Our biggest concern is the same that is voiced by our readers: Very choppy markets and an uncertainty of growth versus recession ahead.  Our own take is that this value segment is more likely than not expected to become the more desired trend rather than chasing high-beta growth stocks at high multiples with high expectations on growth figures.

On this topic, Schier noted, “Value versus growth is somewhat of a contrived notion and it makes no sense to buy without caring about growth just like it makes no sense to buy a growth company without caring how much you are paying.  Sure, you can find great growth stocks but we take a conservative approach and we look for companies that are not too aggressively priced.”
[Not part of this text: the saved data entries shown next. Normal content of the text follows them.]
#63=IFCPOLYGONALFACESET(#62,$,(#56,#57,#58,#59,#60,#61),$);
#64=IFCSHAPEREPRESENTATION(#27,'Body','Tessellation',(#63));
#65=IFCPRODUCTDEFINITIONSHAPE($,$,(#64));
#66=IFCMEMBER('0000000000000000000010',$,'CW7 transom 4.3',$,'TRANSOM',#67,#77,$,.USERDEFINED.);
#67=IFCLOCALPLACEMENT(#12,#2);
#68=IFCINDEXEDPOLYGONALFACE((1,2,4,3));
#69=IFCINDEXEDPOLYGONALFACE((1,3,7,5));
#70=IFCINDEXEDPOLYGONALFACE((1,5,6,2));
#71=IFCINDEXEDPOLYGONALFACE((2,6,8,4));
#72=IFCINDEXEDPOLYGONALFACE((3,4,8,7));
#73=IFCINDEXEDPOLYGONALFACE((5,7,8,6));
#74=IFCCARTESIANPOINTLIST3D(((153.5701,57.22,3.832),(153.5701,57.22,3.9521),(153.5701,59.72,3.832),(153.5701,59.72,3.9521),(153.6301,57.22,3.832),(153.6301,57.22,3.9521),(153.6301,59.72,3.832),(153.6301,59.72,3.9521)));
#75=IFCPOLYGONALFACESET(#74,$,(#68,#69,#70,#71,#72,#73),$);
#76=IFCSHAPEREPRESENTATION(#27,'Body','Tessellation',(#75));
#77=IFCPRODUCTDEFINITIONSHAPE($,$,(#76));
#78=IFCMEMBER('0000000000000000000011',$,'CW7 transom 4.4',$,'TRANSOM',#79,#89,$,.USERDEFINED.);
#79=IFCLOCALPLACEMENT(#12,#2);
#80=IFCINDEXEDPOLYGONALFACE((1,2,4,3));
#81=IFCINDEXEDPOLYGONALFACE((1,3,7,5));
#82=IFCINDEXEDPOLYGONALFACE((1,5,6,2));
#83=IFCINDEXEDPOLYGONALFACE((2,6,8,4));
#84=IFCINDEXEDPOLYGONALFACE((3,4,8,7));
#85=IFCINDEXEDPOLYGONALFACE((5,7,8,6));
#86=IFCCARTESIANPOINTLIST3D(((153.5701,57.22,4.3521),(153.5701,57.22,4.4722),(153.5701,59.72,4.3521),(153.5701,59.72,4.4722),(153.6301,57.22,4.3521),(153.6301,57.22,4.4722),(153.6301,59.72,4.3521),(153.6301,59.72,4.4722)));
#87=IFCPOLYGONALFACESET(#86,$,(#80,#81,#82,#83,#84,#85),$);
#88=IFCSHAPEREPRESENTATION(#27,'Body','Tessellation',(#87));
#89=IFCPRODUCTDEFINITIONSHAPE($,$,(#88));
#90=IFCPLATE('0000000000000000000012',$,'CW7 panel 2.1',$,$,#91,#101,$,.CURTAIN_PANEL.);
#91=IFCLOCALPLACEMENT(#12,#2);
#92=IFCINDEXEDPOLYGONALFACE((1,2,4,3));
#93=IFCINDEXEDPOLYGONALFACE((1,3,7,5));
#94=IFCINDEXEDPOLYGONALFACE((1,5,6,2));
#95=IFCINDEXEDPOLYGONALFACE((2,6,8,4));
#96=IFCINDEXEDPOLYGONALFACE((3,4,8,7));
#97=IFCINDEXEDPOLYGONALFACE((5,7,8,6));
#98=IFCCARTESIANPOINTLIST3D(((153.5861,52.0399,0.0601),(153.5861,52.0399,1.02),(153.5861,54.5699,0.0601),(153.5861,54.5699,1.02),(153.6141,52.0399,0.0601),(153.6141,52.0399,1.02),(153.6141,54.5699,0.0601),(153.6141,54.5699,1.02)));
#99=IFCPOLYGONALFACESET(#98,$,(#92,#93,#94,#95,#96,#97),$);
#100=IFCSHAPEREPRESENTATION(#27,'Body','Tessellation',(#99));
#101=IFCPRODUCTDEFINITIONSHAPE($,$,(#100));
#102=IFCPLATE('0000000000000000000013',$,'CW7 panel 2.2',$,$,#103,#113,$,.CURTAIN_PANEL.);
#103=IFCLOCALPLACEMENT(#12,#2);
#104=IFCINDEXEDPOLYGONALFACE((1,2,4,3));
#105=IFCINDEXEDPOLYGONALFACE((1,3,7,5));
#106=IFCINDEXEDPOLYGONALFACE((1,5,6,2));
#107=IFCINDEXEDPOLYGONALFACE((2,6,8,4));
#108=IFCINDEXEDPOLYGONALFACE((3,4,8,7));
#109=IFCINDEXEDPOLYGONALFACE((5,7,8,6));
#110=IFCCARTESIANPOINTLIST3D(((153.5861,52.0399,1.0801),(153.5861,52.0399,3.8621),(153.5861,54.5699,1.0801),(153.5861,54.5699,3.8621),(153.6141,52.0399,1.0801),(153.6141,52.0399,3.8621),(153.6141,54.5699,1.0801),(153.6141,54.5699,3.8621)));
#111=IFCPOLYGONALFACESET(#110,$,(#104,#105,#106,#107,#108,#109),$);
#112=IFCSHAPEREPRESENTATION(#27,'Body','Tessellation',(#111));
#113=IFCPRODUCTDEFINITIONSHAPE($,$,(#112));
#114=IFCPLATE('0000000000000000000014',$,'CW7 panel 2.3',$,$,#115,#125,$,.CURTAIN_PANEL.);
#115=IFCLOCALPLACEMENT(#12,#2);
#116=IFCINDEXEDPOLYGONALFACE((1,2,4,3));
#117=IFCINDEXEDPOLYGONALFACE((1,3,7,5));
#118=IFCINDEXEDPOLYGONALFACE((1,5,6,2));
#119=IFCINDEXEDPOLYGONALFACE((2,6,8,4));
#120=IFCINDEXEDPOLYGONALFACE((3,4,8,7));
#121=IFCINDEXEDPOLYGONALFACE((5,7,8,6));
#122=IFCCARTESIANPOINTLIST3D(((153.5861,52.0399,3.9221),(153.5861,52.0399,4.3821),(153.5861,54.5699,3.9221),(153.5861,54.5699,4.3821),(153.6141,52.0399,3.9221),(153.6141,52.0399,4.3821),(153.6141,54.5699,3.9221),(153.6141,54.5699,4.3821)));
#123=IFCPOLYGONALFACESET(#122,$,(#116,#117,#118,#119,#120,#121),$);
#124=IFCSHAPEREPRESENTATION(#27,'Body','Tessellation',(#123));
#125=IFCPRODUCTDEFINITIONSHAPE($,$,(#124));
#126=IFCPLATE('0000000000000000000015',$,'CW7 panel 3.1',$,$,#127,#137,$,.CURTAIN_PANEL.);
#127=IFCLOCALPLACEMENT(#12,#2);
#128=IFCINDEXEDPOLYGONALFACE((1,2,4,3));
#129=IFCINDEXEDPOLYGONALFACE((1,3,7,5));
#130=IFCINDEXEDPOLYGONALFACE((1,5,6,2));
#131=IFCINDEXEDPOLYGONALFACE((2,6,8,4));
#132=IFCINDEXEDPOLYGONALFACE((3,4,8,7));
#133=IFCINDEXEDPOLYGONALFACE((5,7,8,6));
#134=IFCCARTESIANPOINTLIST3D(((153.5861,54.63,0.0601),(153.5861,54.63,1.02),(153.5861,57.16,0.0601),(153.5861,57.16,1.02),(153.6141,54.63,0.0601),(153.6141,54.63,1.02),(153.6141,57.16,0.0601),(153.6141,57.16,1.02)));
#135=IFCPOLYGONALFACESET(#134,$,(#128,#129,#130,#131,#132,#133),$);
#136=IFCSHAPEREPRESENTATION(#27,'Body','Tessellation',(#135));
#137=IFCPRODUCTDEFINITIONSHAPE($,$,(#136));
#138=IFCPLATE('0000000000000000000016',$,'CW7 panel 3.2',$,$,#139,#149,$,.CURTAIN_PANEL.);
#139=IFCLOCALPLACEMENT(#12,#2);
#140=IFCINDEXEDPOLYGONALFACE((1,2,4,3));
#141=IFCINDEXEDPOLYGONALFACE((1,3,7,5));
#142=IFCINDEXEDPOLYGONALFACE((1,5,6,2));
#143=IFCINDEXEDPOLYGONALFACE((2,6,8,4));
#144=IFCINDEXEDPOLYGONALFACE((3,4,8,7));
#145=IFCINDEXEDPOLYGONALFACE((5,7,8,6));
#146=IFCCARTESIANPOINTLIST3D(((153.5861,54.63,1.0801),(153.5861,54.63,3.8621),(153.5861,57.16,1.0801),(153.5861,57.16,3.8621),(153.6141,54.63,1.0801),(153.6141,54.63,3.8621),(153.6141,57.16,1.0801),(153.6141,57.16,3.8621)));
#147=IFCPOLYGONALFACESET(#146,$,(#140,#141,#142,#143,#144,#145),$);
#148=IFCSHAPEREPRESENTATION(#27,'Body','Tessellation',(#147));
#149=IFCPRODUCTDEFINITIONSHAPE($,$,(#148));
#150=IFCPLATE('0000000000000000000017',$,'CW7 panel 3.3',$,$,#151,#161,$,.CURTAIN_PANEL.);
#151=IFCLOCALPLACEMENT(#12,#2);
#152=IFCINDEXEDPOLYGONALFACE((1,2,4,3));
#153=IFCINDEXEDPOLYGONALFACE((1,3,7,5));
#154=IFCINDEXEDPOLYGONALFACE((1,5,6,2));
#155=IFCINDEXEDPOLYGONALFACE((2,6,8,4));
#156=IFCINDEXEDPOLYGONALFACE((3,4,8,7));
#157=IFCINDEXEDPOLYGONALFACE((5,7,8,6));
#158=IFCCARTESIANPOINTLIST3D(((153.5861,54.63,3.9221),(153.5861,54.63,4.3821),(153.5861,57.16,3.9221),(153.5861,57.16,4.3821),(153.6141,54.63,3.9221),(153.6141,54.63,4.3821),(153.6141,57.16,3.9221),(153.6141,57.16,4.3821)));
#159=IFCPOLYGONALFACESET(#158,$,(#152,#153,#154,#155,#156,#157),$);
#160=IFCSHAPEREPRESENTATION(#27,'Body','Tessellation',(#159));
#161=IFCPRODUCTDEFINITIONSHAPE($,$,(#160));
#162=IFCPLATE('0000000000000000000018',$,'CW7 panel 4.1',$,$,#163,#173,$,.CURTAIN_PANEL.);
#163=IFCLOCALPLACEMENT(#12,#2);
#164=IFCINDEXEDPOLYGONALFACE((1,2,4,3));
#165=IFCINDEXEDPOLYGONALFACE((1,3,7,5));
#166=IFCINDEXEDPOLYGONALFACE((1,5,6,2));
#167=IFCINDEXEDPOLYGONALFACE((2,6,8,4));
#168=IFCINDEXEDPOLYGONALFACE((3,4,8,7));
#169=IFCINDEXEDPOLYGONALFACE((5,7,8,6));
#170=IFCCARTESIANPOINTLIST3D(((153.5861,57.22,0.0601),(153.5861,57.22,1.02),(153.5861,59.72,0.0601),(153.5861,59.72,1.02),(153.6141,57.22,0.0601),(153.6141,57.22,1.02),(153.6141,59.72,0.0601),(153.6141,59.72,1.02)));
Schier also gave some interesting macroeconomic evaluations of the economy today.  He noted, “In a market of cheap stocks, the world is awash in excess capacity as there is not enough end demand and generally too much competition.  This makes it hard to grow a company, and the valuation for many growth stocks is often masked.”   

A second notion brought up is another troubling issue for investors and for the economy.  Investors are worrying that profitability levels today might not see higher levels of profitability ahead.  The concern of many is that profit expansion is hard to easily find at the right value and this is pressuring valuations.

One last concern is another obvious one but an issue that requires talent to navigate through.  With incredibly low interest rates like we are seeing today, the reinvestment opportunities are often low.  Schier ended with a quote that growth investors might want to consider before chasing high-beta names, “If companies were awash with 12% reinvestment rates then interest rates (and valuations) would be much higher.”   

We would like to thank Jim Schier for his time and opinions.